Particle Flow Analysis of Macroscopic and Mesoscopic Failure Process of Salt Rock under High Temperature and Triaxial Stress

In order to reveal the mechanism of thermal-induced deformation and fracture development of salt rock under high temperature, the particle flow program PFC2D was used to study the triaxial compression failure process of salt rocks under different temperatures; at the same time, a combination model of Burge and Linearpbond was proposed to simulate plastic deformation and heat conduction of salt rock. Finally, the simulation results were compared with the experimental results to verify the validity of the conclusion. The simulation results show that the elastic limit points of rock gradually descend, the dilatancy points rise gradually, and the plastic deformation characteristics of salt rock become more obvious with the increase of temperature. Due to the damage of the sample, the strong chains break and disappear, increasing the proportion of the weak chains, and the high temperature intensifies the rupture of the contact between the particles in the salt rock. As the temperature increases from 50°C to 120°C, the strong chains in the rock sample decrease significantly, and the damage gradually increases; when the temperature is 150°C, the contact force decreases sharply, and the damage of salt rock is significant. According to the particle displacement cloud diagrams, it is found that the expansion direction from the middle part of the rock sample to the left and right ends is 12.08°, 9.55°, 8.2°, 6.33°, and 0°, respectively. The displacement directions of the rock sample show obvious radial expansion tendency, and the higher the temperature, the more obvious the “drum-shaped” failure phenomenon in the middle of the rock sample. During the heating process, the thermal cracks are mainly tensile cracks, and transverse cracks are gradually formed in the middle of the model.
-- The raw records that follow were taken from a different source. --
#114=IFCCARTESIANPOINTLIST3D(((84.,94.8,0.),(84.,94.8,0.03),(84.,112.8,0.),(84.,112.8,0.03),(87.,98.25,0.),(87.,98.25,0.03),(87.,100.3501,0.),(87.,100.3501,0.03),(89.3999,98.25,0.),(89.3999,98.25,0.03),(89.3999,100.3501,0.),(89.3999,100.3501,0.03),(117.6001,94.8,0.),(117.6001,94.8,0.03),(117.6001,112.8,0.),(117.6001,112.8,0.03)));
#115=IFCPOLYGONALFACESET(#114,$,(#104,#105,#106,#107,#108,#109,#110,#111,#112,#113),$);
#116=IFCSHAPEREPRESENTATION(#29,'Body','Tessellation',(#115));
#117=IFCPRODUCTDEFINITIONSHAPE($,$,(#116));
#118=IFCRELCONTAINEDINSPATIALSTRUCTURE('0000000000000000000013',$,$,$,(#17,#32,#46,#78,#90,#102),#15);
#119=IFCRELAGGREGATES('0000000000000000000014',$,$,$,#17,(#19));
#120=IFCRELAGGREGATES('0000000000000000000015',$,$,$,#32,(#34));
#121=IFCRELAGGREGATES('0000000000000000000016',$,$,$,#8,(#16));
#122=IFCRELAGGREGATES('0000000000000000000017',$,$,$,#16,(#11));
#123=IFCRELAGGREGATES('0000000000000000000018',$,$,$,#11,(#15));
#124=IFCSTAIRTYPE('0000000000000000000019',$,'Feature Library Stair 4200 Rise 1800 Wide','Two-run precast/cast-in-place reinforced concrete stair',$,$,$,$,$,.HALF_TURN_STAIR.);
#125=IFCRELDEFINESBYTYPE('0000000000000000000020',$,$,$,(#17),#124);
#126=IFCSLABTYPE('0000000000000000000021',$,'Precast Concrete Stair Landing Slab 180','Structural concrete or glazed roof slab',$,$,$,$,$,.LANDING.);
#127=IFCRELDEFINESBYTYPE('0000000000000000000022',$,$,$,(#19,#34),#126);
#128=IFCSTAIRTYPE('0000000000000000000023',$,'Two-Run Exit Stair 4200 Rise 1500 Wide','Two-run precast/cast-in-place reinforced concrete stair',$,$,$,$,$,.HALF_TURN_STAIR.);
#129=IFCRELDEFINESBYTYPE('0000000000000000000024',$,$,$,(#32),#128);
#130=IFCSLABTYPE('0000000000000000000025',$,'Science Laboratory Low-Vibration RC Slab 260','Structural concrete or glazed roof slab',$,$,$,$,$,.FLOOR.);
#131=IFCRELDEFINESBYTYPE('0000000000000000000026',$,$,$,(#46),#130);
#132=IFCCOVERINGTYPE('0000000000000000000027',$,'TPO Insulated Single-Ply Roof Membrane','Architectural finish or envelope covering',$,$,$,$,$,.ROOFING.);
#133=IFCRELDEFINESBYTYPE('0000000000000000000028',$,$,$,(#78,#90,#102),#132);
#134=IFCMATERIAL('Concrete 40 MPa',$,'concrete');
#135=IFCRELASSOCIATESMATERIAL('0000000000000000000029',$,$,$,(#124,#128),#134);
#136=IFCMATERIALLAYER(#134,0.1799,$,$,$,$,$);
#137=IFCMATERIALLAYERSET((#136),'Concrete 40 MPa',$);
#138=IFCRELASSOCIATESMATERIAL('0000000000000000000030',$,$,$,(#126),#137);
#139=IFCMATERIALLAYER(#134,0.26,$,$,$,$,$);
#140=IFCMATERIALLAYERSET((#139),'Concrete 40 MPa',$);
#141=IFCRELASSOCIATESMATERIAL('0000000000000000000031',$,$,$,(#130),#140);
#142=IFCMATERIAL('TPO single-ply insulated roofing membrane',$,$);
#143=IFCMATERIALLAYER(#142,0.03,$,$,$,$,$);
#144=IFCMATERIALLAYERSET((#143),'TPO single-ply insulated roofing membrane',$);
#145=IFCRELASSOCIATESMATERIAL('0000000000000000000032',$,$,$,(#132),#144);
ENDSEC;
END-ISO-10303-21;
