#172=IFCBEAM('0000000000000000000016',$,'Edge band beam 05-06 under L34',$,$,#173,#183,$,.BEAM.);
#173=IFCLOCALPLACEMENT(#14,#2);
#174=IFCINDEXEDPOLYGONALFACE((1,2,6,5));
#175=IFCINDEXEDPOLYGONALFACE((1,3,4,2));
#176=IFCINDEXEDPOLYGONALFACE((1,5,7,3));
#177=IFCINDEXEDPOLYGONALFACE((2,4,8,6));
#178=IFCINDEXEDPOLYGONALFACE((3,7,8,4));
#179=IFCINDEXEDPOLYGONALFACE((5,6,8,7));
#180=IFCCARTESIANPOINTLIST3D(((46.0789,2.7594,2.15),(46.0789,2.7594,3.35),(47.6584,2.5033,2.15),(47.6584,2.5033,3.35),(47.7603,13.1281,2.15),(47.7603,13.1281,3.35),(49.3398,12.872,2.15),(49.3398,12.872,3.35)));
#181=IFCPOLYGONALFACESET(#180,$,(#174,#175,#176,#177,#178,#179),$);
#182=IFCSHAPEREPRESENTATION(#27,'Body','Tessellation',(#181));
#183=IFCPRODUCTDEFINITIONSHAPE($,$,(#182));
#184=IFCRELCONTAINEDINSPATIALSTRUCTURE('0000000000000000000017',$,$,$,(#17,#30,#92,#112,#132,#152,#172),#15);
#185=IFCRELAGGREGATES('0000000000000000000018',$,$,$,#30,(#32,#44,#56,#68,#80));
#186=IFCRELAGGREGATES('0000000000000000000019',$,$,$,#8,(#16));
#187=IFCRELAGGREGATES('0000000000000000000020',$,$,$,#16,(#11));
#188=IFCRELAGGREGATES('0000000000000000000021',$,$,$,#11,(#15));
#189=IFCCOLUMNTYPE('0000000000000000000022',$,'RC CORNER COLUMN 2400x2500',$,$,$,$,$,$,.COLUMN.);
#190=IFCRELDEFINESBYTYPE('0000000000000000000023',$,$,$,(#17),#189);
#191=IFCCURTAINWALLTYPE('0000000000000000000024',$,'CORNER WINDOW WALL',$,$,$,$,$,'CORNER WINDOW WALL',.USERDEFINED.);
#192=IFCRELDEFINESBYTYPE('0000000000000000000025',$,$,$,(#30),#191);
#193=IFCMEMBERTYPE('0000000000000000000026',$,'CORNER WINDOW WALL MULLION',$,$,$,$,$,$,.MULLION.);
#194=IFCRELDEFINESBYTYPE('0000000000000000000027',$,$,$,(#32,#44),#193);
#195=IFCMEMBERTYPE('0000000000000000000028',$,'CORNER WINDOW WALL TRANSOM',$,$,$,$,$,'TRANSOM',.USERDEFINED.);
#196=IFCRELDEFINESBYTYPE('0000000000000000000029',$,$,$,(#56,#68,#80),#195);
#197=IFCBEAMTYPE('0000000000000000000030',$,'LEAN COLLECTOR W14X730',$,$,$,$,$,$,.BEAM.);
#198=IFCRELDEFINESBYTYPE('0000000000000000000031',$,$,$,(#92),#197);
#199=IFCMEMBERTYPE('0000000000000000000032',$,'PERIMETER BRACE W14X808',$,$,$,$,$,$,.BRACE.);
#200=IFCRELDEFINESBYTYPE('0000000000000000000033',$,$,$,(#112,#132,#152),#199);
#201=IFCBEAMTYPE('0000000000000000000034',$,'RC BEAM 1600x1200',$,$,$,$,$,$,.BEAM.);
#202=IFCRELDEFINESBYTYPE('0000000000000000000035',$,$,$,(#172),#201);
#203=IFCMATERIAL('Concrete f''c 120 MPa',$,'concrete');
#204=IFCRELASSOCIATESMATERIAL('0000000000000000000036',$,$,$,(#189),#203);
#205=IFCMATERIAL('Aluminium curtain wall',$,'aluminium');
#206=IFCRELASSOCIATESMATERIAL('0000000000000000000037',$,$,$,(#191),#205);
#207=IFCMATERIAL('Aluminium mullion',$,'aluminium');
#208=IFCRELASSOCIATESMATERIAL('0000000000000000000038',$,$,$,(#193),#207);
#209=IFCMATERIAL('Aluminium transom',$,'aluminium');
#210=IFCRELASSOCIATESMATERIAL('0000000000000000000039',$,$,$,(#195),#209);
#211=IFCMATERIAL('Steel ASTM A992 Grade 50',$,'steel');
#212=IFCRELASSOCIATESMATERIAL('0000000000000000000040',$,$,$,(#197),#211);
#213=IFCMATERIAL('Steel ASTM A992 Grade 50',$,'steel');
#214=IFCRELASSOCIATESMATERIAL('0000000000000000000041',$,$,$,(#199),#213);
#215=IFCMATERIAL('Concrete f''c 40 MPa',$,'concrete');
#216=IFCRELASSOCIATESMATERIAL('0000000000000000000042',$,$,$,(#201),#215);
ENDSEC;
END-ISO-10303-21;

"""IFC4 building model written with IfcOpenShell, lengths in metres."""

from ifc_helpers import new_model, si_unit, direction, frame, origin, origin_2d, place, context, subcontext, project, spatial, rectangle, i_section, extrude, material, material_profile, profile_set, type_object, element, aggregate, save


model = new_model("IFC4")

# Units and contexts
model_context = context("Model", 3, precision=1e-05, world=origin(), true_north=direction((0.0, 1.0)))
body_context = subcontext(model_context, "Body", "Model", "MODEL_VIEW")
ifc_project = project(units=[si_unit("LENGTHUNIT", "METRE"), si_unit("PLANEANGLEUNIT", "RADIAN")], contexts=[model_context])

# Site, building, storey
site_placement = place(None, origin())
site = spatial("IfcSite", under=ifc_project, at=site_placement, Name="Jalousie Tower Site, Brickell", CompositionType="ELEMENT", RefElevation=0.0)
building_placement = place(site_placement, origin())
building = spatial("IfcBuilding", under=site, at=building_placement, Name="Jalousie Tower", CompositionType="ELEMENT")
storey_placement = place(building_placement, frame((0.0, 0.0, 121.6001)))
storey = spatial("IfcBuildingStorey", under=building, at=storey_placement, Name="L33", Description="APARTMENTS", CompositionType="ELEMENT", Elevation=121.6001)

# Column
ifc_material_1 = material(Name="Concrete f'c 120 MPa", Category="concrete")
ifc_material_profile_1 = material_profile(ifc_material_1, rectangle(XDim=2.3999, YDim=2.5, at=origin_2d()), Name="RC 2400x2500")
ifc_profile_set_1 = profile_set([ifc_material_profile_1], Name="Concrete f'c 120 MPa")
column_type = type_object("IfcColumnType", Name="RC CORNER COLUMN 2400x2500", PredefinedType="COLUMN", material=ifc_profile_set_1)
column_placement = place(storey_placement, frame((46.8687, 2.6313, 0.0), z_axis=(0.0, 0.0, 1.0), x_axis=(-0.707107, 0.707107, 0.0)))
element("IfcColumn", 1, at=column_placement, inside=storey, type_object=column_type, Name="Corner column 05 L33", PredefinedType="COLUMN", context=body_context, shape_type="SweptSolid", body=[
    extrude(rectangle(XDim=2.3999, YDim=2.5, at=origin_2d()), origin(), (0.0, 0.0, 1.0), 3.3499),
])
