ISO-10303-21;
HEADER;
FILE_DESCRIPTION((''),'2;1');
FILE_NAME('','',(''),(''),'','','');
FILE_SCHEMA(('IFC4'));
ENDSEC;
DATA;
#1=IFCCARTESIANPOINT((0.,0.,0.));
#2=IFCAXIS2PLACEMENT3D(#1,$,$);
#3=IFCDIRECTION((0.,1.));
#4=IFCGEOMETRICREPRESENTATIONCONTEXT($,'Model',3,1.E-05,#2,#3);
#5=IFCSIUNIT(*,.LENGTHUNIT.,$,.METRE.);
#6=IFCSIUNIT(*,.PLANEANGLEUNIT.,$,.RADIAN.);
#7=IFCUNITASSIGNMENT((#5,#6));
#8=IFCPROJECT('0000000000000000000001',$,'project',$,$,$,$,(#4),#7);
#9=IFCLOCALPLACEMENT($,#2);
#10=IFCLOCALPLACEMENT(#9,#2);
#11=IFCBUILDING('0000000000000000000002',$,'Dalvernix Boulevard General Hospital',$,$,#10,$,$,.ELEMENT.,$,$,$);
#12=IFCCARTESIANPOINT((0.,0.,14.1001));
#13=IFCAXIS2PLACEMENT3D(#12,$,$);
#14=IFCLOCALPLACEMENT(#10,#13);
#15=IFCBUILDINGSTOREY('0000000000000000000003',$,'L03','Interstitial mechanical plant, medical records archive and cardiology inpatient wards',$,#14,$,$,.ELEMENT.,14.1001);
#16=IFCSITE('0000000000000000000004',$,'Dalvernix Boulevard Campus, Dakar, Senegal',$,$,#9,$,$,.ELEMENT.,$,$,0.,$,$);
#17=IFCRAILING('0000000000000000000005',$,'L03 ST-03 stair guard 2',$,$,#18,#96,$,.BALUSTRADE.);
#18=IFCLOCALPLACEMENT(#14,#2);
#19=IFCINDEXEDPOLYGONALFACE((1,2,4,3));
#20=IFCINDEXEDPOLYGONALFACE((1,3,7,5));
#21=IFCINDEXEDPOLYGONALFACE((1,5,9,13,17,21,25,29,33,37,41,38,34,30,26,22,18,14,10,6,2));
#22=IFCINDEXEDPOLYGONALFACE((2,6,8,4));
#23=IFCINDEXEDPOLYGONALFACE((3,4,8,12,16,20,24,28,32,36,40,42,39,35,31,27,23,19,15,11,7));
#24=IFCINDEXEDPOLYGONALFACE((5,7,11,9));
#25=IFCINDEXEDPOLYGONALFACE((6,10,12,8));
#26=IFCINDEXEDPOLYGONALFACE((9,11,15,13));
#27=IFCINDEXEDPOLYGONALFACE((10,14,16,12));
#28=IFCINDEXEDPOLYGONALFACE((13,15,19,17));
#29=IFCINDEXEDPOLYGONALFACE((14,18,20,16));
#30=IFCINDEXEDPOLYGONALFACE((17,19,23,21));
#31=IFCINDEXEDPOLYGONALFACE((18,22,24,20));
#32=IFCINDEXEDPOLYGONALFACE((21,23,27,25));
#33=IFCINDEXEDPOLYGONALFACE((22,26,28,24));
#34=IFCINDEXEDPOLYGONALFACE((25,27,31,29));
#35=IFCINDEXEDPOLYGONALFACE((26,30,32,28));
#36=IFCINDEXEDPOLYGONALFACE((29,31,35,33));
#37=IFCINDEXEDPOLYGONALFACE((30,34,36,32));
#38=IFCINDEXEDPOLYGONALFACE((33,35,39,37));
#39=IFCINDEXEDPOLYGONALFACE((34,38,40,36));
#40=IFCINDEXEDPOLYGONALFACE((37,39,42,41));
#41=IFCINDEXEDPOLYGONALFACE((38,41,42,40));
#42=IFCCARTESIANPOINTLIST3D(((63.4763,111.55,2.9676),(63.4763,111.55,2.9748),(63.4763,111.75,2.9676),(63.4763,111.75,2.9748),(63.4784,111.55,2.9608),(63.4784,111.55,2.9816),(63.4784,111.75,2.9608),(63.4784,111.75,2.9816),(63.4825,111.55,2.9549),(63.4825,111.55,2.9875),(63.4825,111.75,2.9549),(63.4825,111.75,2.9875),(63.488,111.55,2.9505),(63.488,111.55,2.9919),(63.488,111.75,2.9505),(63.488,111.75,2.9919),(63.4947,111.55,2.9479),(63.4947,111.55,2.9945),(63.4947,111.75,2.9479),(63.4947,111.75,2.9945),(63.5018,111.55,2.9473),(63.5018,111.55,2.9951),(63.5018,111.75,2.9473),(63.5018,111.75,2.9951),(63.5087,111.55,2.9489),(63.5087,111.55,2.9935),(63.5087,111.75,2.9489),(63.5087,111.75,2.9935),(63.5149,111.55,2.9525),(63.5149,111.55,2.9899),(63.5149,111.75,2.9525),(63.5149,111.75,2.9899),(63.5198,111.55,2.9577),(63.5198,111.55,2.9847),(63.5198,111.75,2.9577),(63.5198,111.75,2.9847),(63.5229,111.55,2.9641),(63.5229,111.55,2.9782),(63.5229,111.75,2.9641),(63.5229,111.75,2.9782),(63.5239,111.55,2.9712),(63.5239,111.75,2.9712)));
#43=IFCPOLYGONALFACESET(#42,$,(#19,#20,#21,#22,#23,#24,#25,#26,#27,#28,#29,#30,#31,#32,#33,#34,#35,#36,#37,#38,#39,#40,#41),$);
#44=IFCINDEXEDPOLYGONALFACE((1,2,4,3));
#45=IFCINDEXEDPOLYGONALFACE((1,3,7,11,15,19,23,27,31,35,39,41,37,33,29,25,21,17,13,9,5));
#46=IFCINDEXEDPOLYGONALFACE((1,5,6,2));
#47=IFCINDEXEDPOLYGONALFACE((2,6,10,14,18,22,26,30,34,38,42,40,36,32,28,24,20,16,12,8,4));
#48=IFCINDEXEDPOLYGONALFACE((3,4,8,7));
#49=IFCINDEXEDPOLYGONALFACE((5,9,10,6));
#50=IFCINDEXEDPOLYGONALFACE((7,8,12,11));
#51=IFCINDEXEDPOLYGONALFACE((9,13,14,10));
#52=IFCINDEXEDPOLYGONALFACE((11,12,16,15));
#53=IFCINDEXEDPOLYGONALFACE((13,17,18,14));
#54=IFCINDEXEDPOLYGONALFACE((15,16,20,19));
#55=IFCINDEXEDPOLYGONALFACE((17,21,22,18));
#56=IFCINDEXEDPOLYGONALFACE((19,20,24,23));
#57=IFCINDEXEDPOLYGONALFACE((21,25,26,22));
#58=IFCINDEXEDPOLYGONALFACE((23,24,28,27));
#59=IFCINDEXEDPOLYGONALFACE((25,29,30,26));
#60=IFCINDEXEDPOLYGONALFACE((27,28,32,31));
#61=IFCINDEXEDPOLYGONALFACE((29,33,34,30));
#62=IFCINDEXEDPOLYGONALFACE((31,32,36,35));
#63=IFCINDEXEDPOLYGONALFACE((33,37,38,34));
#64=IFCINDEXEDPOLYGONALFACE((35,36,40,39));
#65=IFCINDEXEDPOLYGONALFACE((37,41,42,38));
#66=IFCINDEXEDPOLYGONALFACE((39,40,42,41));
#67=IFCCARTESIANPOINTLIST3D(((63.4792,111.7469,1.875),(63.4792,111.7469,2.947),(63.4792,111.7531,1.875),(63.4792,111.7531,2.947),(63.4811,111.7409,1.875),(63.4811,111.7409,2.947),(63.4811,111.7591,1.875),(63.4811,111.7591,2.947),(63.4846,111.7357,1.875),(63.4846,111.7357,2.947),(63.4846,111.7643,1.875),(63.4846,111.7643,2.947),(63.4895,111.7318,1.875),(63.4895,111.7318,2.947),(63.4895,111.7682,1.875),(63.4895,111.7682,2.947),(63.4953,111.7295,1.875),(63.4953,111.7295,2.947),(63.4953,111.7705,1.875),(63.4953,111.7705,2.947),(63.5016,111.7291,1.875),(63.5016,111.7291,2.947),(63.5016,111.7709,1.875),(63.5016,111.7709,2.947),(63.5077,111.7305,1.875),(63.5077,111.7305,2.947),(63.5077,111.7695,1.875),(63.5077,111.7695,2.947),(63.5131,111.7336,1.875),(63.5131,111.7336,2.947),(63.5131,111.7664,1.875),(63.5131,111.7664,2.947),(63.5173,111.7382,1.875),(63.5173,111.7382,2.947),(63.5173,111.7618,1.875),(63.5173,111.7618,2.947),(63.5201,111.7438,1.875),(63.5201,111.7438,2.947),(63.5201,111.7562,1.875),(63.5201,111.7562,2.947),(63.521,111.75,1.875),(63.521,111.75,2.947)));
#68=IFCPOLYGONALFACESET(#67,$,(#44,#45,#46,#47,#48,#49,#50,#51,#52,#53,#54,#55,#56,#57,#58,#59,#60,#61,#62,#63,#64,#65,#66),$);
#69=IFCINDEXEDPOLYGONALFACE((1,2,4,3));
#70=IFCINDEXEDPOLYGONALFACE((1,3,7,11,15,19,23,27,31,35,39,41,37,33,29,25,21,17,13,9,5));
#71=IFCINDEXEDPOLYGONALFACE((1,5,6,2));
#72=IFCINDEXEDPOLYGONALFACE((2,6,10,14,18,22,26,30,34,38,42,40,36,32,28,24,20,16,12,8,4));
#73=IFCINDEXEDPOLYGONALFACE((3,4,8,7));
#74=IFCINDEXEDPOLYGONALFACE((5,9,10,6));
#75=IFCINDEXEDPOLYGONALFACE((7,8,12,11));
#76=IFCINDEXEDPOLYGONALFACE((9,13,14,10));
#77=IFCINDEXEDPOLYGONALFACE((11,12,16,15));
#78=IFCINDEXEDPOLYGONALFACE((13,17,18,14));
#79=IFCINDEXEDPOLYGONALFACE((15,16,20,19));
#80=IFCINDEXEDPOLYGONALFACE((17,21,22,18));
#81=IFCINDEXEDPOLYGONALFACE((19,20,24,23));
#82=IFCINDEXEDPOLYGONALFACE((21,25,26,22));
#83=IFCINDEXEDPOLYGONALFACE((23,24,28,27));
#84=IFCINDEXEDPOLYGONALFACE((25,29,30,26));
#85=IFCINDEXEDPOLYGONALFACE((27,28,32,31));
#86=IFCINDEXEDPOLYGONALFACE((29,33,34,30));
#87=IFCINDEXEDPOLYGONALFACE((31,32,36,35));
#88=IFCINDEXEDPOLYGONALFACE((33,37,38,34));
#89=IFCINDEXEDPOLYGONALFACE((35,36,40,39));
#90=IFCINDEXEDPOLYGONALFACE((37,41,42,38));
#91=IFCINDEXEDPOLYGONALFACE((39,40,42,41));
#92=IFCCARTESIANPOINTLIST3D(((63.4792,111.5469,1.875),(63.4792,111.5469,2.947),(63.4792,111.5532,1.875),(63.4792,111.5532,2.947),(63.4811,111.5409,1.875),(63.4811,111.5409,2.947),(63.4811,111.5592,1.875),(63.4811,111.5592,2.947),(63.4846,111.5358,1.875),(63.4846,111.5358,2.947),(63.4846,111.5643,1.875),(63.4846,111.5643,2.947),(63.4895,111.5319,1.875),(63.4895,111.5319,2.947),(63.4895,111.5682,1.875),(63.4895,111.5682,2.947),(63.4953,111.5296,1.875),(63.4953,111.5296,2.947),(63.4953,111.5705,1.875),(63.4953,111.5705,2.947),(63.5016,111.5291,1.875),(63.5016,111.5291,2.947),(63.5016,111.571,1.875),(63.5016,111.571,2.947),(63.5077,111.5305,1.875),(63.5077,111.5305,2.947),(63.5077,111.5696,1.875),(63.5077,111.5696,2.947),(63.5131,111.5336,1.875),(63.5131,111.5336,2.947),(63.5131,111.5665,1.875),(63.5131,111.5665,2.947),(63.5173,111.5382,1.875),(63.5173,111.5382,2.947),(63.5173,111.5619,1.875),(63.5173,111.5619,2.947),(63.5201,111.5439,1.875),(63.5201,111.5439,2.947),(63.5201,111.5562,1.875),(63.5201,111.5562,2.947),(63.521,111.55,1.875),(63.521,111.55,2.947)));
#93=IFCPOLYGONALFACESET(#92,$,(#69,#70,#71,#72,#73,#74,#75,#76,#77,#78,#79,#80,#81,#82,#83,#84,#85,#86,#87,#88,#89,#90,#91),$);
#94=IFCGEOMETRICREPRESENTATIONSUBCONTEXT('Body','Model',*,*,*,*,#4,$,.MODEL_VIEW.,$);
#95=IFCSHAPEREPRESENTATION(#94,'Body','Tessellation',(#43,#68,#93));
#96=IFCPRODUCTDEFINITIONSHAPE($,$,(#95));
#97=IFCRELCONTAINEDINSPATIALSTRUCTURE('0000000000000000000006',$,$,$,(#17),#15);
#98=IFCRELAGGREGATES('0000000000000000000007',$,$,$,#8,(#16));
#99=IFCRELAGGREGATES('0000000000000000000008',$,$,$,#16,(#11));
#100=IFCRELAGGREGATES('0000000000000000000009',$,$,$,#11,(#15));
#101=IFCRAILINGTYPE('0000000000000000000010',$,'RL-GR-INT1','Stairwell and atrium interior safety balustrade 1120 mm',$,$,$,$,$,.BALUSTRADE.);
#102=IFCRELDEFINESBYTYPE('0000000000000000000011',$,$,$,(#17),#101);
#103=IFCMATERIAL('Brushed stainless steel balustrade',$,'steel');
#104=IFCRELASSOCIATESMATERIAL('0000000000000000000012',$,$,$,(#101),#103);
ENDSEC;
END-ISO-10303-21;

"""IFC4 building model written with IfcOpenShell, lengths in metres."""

from ifc_helpers import new_model, si_unit, direction, frame, origin, origin_2d, place, context, subcontext, project, spatial, circle, extrude, material, type_object, element, save


model = new_model("IFC4")

# Units and contexts
model_context = context("Model", 3, precision=1e-05, world=origin(), true_north=direction((0.0, 1.0)))
body_context = subcontext(model_context, "Body", "Model", "MODEL_VIEW")
ifc_project = project(units=[si_unit("LENGTHUNIT", "METRE"), si_unit("PLANEANGLEUNIT", "RADIAN")], contexts=[model_context])

# Site, building, storey
site_placement = place(None, origin())
site = spatial("IfcSite", under=ifc_project, at=site_placement, Name="Dalvernix Boulevard Campus, Dakar, Senegal", CompositionType="ELEMENT", RefElevation=0.0)
building_placement = place(site_placement, origin())
building = spatial("IfcBuilding", under=site, at=building_placement, Name="Dalvernix Boulevard General Hospital", CompositionType="ELEMENT")
storey_placement = place(building_placement, frame((0.0, 0.0, 14.1001)))
storey = spatial("IfcBuildingStorey", under=building, at=storey_placement, Name="L03", Description="Interstitial mechanical plant, medical records archive and cardiology inpatient wards", CompositionType="ELEMENT", Elevation=14.1001)

# Railing
ifc_material_1 = material(Name="Brushed stainless steel balustrade", Category="steel")
railing_type_1 = type_object("IfcRailingType", Name="RL-GR-INT1", Description="Stairwell and atrium interior safety balustrade 1120 mm", PredefinedType="BALUSTRADE", material=ifc_material_1)
railing_1_placement = place(storey_placement, frame((63.5, 111.75, 1.875)))
element("IfcRailing", 1, at=railing_1_placement, inside=storey, type_object=railing_type_1, Name="L03 ST-03 stair guard 2", PredefinedType="BALUSTRADE", context=body_context, shape_type="SweptSolid", body=[
    extrude(circle(Radius=0.0239, at=origin_2d()), frame((0.0, 0.0, 1.0962), z_axis=(0.0, -1.0, 0.0), x_axis=(1.0, 0.0, 0.0)), (0.0, 0.0, 1.0), 0.2),
    extrude(circle(Radius=0.021, at=origin_2d()), origin(), (0.0, 0.0, 1.0), 1.072),
    extrude(circle(Radius=0.021, at=origin_2d()), frame((0.0, -0.2, 0.0)), (0.0, 0.0, 1.0), 1.072),
])

save(model, "model.ifc")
The cementation failure points at the top and bottom of the model expand in an oblique direction and form oblique cracks of about 45°. From the three different mathematical models of macroscopic and mesoscopic views, it is concluded that the effect of temperatures on salt rock is more significant after 90°C. This research is important for exploring the macroscopic and microscopic mechanics evolution of salt rock and provides a reference for determining the long-term mechanical strength of salt rock.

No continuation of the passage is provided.